1459586 Sorry, kid, can't do. I'm swamped with other fics I edit already, plus my own ones.
The guys in this group can help you, though.

1459635

>kid

Lol, I'm not a kid. But thanks though, I'm going to try and find one. Hey think you can stick around to check out my other chapters? :applejackunsure:

1459666 It's an endearing term.

But yeah, I'll stick around, don't worry about that :twilightsmile:

I wonder who is the weasel that's going to get popped?:pinkiecrazy:

Hi

OH SHI-*BOOM*

Hi

Also i see you did what i said add a bit of background so we can have some details that was what the ponies wanted to know probably i mean seriously strange creature punches your friend in the face... twice the runs away then throws up and turns in to a horrendus beast that kills you you might want to know more about them before you try to kill it espacially if he's now bieng nice to you in an unknown place... I'm getting into detail way to much aren't I?

1460231

I'm trying my best to make everything bend out of place.

1459556 <- what he said.

Switching perspectives is not a bad thing... but it is when you get 3 dif perspectives in ONE PARAGRAPH. Seriously, I'm liking this story, but it seems your writing has gotten progressively worse through the chapters. I'm stopping on chapter 3 in the hopes that you'll go through and fix all this, so I can read chapter 4 without wanting to punch a baby.
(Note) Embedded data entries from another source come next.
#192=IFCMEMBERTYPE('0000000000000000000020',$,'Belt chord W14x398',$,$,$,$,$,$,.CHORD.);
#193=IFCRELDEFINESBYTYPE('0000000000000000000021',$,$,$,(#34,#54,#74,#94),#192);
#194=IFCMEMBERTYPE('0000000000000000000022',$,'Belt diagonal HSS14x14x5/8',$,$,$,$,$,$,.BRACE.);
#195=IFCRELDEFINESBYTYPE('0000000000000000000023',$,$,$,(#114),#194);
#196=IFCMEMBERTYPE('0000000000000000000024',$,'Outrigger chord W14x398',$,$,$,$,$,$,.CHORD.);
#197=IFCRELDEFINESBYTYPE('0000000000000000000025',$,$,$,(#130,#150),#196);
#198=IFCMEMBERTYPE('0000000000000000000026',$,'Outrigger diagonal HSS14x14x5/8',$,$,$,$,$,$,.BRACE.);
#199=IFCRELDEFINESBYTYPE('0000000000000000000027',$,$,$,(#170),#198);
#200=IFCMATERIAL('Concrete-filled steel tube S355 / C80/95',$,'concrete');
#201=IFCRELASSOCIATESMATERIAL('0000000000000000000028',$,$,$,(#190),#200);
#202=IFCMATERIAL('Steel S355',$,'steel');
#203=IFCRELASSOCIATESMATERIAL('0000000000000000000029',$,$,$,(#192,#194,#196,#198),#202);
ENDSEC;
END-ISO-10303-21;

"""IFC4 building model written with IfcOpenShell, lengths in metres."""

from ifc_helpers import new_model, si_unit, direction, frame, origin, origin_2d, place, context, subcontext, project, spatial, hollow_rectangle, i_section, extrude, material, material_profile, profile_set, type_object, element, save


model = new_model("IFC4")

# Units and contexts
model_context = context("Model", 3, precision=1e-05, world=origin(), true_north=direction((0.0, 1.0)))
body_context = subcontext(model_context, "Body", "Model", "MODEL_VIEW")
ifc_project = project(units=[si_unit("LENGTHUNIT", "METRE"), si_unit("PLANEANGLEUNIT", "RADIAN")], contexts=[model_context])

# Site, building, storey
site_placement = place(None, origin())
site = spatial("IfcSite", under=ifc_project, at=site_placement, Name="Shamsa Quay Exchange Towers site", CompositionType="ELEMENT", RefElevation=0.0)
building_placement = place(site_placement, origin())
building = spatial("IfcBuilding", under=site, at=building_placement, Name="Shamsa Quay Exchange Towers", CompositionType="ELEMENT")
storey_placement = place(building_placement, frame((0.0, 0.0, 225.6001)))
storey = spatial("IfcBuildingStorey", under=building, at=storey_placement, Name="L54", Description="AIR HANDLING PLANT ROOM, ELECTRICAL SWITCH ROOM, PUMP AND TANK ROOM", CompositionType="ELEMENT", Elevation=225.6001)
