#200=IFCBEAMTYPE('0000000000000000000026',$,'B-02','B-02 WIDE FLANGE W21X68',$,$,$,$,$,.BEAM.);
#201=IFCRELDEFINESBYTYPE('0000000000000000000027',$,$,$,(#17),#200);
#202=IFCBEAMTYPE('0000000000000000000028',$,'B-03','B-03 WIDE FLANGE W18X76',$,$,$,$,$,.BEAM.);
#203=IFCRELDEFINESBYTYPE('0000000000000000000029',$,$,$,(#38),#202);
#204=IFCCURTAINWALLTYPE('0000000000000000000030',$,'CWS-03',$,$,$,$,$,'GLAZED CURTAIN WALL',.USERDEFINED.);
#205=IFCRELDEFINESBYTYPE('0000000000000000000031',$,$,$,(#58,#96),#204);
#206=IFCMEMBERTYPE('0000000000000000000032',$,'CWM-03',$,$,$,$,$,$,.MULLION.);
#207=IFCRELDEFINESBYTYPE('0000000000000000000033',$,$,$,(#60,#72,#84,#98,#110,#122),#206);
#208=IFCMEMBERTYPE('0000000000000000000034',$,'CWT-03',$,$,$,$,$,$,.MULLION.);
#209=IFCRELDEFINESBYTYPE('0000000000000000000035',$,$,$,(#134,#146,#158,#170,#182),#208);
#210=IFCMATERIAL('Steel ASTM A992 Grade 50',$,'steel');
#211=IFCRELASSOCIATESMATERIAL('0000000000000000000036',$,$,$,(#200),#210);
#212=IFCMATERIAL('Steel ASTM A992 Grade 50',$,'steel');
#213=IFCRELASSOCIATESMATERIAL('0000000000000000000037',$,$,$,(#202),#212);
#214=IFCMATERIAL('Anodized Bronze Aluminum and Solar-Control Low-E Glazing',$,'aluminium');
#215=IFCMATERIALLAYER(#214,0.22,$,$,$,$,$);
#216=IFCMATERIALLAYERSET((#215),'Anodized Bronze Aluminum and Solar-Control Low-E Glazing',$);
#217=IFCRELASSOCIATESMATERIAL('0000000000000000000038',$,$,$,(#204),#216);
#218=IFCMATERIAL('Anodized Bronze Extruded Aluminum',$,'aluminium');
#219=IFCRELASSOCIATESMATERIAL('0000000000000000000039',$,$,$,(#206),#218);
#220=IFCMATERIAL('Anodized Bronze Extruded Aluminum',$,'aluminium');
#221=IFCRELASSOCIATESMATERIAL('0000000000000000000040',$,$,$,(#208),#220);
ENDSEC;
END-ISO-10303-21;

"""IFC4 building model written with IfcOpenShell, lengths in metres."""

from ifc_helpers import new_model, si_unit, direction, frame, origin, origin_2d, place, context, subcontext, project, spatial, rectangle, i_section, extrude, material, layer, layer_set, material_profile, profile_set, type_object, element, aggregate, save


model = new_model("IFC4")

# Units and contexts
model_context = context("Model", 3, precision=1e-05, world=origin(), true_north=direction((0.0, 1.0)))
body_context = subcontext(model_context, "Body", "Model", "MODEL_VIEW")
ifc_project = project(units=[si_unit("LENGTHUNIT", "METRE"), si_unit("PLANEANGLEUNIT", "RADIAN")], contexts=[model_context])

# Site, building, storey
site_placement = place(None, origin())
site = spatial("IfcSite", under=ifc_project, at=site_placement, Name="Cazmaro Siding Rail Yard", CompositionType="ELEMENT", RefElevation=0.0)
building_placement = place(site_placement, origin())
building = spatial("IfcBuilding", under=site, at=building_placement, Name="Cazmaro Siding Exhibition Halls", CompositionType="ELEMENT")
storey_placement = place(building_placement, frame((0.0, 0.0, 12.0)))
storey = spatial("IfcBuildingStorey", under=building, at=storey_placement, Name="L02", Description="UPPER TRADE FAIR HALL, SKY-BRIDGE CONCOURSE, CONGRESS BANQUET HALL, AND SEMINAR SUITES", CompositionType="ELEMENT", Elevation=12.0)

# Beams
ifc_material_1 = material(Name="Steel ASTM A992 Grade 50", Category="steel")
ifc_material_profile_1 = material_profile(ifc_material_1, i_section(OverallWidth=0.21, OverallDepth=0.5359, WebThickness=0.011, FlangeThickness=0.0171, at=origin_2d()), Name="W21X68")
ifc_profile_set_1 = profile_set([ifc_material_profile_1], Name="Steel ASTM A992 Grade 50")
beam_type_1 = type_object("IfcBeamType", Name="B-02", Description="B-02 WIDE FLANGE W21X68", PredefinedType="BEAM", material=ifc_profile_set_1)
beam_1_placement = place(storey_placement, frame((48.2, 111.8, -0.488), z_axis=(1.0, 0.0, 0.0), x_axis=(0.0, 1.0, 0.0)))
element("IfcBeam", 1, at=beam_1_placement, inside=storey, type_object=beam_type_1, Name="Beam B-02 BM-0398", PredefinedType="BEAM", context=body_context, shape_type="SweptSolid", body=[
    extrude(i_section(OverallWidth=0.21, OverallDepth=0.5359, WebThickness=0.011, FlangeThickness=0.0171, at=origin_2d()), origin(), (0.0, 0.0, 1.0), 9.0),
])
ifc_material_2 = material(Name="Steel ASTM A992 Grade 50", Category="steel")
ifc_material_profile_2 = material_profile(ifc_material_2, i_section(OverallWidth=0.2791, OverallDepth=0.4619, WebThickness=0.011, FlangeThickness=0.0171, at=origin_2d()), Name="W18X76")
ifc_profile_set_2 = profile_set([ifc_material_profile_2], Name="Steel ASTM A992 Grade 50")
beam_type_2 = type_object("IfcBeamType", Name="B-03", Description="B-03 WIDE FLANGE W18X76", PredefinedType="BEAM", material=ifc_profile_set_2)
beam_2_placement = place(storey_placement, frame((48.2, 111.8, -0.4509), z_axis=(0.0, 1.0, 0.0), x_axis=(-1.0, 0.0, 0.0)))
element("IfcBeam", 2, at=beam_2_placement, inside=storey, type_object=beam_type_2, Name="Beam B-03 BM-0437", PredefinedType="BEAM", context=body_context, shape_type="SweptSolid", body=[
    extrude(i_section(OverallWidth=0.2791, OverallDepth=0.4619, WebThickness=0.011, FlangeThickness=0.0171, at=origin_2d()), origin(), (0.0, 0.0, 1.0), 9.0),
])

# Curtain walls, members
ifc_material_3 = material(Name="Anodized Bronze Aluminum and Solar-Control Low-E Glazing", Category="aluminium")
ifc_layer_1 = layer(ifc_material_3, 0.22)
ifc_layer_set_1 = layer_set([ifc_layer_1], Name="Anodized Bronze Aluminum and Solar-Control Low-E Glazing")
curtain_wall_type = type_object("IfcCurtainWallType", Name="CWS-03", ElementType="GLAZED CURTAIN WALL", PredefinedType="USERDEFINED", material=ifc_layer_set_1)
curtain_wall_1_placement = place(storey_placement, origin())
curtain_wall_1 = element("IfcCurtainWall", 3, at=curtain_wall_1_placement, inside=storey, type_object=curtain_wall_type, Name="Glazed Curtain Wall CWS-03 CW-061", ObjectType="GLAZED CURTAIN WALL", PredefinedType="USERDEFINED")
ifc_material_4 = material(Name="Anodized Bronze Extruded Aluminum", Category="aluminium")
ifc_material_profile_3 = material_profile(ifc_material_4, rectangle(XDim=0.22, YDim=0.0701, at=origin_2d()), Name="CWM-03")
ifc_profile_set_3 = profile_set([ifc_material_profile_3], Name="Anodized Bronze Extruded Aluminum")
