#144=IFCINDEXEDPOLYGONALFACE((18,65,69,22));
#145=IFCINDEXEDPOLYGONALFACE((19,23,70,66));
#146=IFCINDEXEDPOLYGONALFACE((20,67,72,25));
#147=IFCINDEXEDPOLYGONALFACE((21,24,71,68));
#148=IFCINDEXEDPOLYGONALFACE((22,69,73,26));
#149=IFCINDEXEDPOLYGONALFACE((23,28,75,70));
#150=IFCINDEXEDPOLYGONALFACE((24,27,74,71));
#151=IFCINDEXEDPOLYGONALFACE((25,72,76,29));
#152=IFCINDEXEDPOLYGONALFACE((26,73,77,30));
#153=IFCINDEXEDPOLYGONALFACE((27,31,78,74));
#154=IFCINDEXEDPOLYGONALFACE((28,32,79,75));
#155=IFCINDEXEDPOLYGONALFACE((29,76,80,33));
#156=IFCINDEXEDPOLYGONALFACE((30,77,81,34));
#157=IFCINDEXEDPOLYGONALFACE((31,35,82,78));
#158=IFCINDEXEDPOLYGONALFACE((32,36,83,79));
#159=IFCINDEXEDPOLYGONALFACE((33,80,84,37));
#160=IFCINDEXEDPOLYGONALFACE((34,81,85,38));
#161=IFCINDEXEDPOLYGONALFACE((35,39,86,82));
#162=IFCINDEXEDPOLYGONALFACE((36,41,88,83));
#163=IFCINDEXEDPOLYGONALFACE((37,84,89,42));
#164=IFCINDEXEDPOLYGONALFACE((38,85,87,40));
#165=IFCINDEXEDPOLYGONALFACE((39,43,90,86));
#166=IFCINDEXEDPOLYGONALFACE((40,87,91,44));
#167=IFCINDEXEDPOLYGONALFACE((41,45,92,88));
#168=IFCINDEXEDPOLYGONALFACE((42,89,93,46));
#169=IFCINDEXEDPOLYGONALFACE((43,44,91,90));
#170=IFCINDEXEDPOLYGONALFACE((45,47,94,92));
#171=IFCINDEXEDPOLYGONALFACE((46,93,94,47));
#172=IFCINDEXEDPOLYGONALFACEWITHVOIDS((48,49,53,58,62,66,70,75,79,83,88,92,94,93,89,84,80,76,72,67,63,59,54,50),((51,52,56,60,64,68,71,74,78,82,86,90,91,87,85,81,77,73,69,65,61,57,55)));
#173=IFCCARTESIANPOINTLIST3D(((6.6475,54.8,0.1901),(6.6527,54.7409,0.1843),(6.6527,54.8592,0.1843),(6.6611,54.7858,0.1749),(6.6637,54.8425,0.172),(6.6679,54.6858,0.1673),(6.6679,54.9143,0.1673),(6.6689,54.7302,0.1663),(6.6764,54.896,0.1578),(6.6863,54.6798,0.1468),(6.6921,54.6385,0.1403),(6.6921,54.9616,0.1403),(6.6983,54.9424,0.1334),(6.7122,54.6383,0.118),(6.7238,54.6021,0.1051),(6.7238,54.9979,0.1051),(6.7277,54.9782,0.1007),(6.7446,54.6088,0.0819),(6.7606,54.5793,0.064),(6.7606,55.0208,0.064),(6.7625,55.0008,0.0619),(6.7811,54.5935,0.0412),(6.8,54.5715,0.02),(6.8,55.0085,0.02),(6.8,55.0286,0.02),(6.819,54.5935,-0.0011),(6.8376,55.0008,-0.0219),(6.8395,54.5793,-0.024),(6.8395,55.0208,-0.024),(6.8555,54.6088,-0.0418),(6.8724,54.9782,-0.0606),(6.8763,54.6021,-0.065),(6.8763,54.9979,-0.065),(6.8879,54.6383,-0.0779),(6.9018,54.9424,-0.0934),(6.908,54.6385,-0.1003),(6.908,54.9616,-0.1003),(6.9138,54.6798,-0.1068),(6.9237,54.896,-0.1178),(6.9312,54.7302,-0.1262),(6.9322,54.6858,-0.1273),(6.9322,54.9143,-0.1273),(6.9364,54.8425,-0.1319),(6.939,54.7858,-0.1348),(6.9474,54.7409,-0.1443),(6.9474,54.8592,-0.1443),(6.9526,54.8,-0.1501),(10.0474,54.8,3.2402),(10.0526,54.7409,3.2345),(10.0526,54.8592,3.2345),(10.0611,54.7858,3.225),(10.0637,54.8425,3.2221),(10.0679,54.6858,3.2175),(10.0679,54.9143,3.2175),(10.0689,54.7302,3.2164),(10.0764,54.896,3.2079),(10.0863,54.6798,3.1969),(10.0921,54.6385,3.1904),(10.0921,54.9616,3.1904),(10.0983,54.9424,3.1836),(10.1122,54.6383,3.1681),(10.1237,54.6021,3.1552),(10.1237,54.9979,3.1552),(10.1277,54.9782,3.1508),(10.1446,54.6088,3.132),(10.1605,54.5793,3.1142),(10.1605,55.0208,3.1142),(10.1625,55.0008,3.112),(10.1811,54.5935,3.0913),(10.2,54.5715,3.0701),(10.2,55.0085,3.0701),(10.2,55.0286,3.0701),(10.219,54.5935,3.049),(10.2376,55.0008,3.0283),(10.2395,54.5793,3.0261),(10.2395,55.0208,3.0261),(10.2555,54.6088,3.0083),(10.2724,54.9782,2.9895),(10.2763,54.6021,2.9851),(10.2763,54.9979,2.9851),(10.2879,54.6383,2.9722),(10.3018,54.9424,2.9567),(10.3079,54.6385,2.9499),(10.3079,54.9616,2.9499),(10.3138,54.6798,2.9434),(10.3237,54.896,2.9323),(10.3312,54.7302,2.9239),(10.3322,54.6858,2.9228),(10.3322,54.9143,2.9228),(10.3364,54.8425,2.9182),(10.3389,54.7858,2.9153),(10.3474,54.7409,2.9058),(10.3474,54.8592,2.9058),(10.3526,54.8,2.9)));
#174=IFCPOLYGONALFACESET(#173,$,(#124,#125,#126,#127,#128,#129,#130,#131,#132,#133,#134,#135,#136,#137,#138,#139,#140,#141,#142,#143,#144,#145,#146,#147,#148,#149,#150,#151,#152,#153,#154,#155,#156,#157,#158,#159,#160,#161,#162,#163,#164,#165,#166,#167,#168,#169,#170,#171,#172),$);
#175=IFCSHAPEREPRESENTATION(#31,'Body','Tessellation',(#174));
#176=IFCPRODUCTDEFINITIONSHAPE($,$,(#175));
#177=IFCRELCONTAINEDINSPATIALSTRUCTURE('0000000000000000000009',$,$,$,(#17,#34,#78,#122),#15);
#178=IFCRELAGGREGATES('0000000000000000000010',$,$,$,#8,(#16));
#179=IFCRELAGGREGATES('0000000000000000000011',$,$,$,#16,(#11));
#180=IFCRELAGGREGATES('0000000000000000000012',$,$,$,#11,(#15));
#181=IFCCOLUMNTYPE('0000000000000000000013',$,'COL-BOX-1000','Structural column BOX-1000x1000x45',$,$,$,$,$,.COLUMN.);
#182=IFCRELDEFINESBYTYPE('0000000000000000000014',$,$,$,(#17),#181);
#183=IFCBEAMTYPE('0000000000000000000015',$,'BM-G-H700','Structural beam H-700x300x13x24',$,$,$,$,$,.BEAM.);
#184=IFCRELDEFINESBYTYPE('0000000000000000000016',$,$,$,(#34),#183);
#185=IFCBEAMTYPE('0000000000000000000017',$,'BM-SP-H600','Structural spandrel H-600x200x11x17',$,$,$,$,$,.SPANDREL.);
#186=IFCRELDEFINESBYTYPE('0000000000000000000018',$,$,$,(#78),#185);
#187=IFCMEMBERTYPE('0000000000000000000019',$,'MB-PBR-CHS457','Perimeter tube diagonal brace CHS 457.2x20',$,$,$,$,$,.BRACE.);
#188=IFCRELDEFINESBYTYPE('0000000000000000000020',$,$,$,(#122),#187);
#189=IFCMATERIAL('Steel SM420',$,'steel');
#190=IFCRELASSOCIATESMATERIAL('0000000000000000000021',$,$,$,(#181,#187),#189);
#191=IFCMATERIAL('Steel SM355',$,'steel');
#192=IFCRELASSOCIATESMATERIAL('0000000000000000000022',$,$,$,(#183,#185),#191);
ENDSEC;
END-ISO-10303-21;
Let me add to Jack's notes.
1. Never, EVER put more than 1 character's dialogs in a single paragraph. Readers get confused fast when they can't tell who said what.
2. Tense. You've shifted between past and present tense a couple times. Please pick one. It looks like you're using past more. If you must write thoughts in present tense, do it like this:
'I'm thinking of a number,' I thought to myself.
3. POV - switching perspectives is doable, although I'd advise against it. It's simple really, pick one perspective and stick with it for the duration of the section of the story. You already have sections separated with ----- so all you have to do is write each section in one perspective. However, if you are going to do perspectives, you should stick with only character perspectives, and NOT use a 3rd person narrator, AT ALL.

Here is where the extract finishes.